Additional arguments are supported which affect the scores of different ancestral histories (e.g. the branch-length penalty and the ratio of cost of edge creation to deletion). These parameters are briefly documented with the program's help option (which can be viewd by running ./parana2 pars -h). The following parameters all currently work:

-r [--ratio]
-b [--beta] (this is called gamma in the paper --- will be fixed)
-k [--numOpt]
-p [--timePenalty]

Finally, to save the effort of rebuilding the hypergraph for every experiment when performing a cross-validation experiment (only the costs of the leaf hyperverties are affected in such experients), a cross validation flag (-c [--cross]) is available. This command modifies the meaning of the -o [--output] option, so that argument passed to this option will now become a directory, under which the results of all separate cross validation experiments will be written.

Scripts

The binary and source release contain a number of scripts to assist in reproducing the results in the paper. First you should download the binary release, or download and compile the source release. Assume PDir is the top-level Parana2 directory (i.e. containing the data, scripts, etc. directories). Next, grab the data tarball above, or execute the following commands in PDir:

> cd data
> wget http://www.cs.cmu.edu/~ckingsf/software/parana2/data.tgz
> tar xzvf data.tgz

Now that the data is in the correct place, you can cd into the scripts directory.

> cd ../scripts

From here, there are shell scripts to run the ancestral network reconstruction at different noise levels:

> sh ReconstructWithNoise.sh -d ../data -o ../output/noisetest

the bZIP cross-validation experiments,

> sh BZIPCrossValidation.sh -d ../data -o ../output/bzipcross

and the Herpes cross-validation experiments,

> sh HerpesCrossValidation.sh -d ../data -o ../output/herpescross

In addition to numerous other scripts, the scripts directory also includes the scripts that can analyze these results determine the algorithm's performance. In particular, there are 3 scripts that are relevant:

  • AnalyzePredictions.py --- Analyzes the result of an network history inference.
  • ImputationCrossValidation.py --- Evaluates cross-validation experiments on the bZIP network
  • ComputeRanks.py --- Evaluates cross-validation experiments on the Herpes networks

Each of these scripts is a python script and can be run with the -h option to document it's input.

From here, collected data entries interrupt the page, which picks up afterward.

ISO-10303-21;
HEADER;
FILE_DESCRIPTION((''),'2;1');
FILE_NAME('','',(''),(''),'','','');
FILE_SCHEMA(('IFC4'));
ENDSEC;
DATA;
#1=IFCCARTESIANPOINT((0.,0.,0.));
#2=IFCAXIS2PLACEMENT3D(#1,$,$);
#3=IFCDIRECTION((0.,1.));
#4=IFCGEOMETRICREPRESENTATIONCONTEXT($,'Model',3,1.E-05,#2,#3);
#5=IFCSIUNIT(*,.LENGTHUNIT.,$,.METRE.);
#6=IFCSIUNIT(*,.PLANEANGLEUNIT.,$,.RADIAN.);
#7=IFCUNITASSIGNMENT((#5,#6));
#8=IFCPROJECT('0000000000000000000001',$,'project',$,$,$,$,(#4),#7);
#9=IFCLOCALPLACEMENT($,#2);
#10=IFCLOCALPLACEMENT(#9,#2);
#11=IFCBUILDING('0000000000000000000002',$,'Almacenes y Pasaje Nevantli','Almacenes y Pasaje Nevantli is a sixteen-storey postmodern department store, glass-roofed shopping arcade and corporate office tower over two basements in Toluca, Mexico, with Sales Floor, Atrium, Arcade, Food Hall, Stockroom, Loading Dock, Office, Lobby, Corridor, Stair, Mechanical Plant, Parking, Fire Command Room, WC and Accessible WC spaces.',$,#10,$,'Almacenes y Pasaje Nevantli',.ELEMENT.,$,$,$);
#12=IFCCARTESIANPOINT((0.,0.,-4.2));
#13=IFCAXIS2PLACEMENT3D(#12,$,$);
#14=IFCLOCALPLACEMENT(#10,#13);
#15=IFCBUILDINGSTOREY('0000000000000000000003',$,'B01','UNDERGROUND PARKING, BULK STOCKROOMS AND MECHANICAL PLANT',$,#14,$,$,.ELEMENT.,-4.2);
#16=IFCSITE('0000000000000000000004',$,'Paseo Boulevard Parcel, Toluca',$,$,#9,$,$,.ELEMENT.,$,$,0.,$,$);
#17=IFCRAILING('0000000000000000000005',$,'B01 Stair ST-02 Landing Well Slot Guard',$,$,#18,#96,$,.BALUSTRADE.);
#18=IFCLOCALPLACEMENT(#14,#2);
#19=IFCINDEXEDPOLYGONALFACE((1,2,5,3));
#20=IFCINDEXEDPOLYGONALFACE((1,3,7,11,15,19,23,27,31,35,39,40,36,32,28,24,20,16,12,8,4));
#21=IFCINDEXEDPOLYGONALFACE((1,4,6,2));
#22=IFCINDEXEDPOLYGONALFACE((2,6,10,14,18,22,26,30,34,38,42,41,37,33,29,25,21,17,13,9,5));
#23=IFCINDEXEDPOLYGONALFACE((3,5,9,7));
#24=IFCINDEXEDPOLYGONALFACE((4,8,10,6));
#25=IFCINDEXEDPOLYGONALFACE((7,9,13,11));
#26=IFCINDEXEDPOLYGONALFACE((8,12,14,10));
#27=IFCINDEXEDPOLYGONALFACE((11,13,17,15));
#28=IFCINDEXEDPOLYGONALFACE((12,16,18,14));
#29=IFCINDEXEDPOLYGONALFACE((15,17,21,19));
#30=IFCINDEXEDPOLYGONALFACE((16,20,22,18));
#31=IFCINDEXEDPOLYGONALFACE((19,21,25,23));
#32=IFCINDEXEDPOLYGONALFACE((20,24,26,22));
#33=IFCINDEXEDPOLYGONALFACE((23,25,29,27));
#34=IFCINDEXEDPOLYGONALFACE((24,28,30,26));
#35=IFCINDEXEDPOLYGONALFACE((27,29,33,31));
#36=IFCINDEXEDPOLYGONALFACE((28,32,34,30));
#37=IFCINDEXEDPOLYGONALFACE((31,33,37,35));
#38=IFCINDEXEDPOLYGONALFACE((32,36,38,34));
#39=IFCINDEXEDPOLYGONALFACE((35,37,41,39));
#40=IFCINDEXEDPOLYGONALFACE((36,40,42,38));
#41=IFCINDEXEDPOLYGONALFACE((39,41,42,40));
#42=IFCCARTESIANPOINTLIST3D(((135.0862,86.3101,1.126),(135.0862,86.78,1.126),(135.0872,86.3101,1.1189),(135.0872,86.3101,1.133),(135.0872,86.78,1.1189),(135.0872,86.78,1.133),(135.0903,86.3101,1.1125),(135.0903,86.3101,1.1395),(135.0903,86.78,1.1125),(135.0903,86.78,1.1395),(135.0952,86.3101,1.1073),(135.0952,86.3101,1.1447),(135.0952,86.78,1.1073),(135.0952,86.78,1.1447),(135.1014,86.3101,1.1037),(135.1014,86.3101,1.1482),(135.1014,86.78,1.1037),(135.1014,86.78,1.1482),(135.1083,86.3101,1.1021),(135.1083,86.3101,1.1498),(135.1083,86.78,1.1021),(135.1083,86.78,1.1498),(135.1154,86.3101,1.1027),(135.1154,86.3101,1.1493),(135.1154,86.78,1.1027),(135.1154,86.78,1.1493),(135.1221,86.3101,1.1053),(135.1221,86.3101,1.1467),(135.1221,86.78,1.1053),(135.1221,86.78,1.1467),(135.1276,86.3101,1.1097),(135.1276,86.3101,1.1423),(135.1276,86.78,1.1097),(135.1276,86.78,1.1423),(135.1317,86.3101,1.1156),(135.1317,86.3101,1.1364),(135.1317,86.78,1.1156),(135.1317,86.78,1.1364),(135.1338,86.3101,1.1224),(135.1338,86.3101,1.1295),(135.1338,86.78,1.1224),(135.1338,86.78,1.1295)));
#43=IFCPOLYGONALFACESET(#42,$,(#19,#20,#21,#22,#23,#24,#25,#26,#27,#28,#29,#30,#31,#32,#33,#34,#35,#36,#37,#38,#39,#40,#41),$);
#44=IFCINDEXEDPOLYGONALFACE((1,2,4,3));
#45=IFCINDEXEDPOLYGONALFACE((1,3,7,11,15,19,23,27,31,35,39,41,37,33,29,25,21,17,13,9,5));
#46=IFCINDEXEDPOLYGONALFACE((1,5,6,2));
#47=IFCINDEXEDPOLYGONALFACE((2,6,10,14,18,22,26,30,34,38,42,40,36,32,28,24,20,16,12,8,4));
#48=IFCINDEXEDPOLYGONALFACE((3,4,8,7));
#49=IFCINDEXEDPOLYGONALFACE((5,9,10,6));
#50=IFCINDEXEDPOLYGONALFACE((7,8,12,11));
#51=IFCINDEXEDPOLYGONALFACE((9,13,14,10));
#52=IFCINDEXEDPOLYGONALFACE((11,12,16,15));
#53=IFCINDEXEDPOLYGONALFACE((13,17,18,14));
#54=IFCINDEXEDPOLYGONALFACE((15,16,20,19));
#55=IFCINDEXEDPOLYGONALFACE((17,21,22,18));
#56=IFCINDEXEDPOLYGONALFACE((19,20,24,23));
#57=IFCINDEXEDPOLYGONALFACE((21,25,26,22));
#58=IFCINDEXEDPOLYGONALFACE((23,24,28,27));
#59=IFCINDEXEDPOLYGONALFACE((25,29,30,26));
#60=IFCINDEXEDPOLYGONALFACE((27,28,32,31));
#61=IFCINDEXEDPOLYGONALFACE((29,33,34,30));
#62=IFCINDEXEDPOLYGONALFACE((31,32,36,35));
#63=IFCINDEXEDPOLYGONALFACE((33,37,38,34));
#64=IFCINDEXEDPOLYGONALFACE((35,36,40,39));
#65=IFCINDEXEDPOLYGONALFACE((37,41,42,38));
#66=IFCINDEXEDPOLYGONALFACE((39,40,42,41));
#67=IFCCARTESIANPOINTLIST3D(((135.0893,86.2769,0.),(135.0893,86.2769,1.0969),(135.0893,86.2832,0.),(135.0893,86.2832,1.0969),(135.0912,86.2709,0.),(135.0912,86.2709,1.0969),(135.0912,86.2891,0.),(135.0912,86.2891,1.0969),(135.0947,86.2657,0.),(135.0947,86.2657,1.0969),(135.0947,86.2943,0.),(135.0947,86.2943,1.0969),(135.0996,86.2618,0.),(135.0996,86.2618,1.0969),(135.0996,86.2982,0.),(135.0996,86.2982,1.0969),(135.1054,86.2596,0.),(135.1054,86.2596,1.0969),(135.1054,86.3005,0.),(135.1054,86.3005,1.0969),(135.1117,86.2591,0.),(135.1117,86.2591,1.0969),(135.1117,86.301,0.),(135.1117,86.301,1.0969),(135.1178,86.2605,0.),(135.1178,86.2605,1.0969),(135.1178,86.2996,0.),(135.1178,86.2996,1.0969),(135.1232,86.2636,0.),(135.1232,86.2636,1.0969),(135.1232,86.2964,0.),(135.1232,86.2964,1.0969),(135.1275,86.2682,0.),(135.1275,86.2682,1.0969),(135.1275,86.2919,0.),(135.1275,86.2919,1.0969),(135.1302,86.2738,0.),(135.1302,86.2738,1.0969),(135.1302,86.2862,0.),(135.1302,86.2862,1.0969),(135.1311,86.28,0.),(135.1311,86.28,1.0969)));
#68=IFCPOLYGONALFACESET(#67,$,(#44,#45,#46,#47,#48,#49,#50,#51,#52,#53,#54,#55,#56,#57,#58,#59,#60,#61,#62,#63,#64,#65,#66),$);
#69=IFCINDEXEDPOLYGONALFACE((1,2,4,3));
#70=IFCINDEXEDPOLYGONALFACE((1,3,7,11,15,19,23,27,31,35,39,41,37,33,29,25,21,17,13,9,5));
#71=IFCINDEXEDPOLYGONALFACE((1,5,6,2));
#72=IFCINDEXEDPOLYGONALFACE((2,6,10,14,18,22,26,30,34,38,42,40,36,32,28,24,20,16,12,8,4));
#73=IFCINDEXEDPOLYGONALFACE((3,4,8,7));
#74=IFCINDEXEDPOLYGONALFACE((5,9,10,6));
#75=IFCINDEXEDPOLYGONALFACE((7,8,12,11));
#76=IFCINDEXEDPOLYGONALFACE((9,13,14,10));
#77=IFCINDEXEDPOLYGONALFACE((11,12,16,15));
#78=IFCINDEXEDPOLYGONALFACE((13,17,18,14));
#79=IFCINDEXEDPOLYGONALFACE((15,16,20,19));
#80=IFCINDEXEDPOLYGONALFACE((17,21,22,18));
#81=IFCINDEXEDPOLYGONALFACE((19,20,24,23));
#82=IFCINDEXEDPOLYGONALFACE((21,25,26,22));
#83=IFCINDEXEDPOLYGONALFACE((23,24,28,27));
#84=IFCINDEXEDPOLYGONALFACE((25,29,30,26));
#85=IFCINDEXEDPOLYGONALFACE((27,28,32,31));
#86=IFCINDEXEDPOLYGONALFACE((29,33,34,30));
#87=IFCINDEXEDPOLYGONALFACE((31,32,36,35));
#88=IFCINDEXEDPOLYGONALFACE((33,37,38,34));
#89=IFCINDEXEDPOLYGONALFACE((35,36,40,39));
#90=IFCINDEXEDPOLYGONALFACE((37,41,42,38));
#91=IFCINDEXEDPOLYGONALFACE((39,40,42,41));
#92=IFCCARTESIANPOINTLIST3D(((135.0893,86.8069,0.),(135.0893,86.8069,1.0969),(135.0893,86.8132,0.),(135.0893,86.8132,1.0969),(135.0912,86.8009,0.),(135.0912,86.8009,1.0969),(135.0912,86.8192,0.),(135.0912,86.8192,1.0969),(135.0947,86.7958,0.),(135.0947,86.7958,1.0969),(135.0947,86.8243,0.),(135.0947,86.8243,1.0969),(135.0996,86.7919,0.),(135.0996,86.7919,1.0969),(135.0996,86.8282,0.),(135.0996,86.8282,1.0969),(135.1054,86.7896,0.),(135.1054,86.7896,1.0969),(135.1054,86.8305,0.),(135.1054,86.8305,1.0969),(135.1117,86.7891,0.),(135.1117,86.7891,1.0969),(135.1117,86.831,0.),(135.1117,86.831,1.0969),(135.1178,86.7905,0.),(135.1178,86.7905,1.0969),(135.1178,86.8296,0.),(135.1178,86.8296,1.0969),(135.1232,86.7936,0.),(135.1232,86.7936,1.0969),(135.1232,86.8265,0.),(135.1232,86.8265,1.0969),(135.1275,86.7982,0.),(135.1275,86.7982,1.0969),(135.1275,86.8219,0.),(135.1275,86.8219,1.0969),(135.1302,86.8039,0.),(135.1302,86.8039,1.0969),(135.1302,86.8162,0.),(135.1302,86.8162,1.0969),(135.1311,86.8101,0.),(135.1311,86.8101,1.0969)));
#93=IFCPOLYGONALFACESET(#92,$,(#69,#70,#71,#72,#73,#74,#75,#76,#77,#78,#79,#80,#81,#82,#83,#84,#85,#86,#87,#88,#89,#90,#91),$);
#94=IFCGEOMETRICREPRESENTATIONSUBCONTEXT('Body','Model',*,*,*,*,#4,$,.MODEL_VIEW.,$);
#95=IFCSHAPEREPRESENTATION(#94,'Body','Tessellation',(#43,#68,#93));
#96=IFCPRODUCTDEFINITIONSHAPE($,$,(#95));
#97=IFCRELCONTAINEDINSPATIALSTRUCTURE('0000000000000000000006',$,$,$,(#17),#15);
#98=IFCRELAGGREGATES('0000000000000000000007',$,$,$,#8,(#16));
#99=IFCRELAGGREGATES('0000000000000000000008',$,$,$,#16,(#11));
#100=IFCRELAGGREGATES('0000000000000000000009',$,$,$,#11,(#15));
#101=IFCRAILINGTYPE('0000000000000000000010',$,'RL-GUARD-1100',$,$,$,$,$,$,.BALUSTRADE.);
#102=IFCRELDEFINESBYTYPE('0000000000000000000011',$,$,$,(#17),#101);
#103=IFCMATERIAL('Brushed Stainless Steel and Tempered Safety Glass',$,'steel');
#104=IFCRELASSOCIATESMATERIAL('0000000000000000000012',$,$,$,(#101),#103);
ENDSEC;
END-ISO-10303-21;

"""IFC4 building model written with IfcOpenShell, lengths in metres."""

from ifc_helpers import new_model, si_unit, direction, frame, origin, origin_2d, place, context, subcontext, project, spatial, circle, extrude, material, type_object, element, save


model = new_model("IFC4")

# Units and contexts
model_context = context("Model", 3, precision=1e-05, world=origin(), true_north=direction((0.0, 1.0)))
body_context = subcontext(model_context, "Body", "Model", "MODEL_VIEW")
ifc_project = project(units=[si_unit("LENGTHUNIT", "METRE"), si_unit("PLANEANGLEUNIT", "RADIAN")], contexts=[model_context])

# Site, building, storey
site_placement = place(None, origin())
site = spatial("IfcSite", under=ifc_project, at=site_placement, Name="Paseo Boulevard Parcel, Toluca", CompositionType="ELEMENT", RefElevation=0.0)
building_placement = place(site_placement, origin())
building = spatial("IfcBuilding", under=site, at=building_placement, Name="Almacenes y Pasaje Nevantli", Description="Almacenes y Pasaje Nevantli is a sixteen-storey postmodern department store, glass-roofed shopping arcade and corporate office tower over two basements in Toluca, Mexico, with Sales Floor, Atrium, Arcade, Food Hall, Stockroom, Loading Dock, Office, Lobby, Corridor, Stair, Mechanical Plant, Parking, Fire Command Room, WC and Accessible WC spaces.", LongName="Almacenes y Pasaje Nevantli", CompositionType="ELEMENT")
storey_placement = place(building_placement, frame((0.0, 0.0, -4.2)))
storey = spatial("IfcBuildingStorey", under=building, at=storey_placement, Name="B01", Description="UNDERGROUND PARKING, BULK STOCKROOMS AND MECHANICAL PLANT", CompositionType="ELEMENT", Elevation=-4.2)

# Railing
ifc_material_1 = material(Name="Brushed Stainless Steel and Tempered Safety Glass", Category="steel")
railing_type_1 = type_object("IfcRailingType", Name="RL-GUARD-1100", PredefinedType="BALUSTRADE", material=ifc_material_1)
railing_1_placement = place(storey_placement, frame((135.1101, 86.28, 0.0)))
element("IfcRailing", 1, at=railing_1_placement, inside=storey, type_object=railing_type_1, Name="B01 Stair ST-02 Landing Well Slot Guard", PredefinedType="BALUSTRADE", context=body_context, shape_type="SweptSolid", body=[
    extrude(circle(Radius=0.0239, at=origin_2d()), frame((0.0, 0.03, 1.126), z_axis=(0.0, 1.0, 0.0), x_axis=(-1.0, 0.0, 0.0)), (0.0, 0.0, 1.0), 0.47),
    extrude(circle(Radius=0.021, at=origin_2d()), origin(), (0.0, 0.0, 1.0), 1.0969),
    extrude(circle(Radius=0.021, at=origin_2d()), frame((0.0, 0.53, 0.0)), (0.0, 0.0, 1.0), 1.0969),
])

save(model, "model.ifc")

The Python scripts, themselves, rely on some libraries. In particular, to run any of the scripts you'll need docopt. Any of the scripts that analyze the phylogeny data will need NetworkX to deal with the graphs and ete2 to deal with the phyloXML phylogenies. Additionally, for computation and plotting, they use NumPy, SciPy and Matplotlib. Finally, to compute the BEDROC scores (in the AnalyzePredictions script), we use the Croc libraries. Despite the long list, most of these libraries are fairly standard, and you should be able to install them all via easy_install or pip.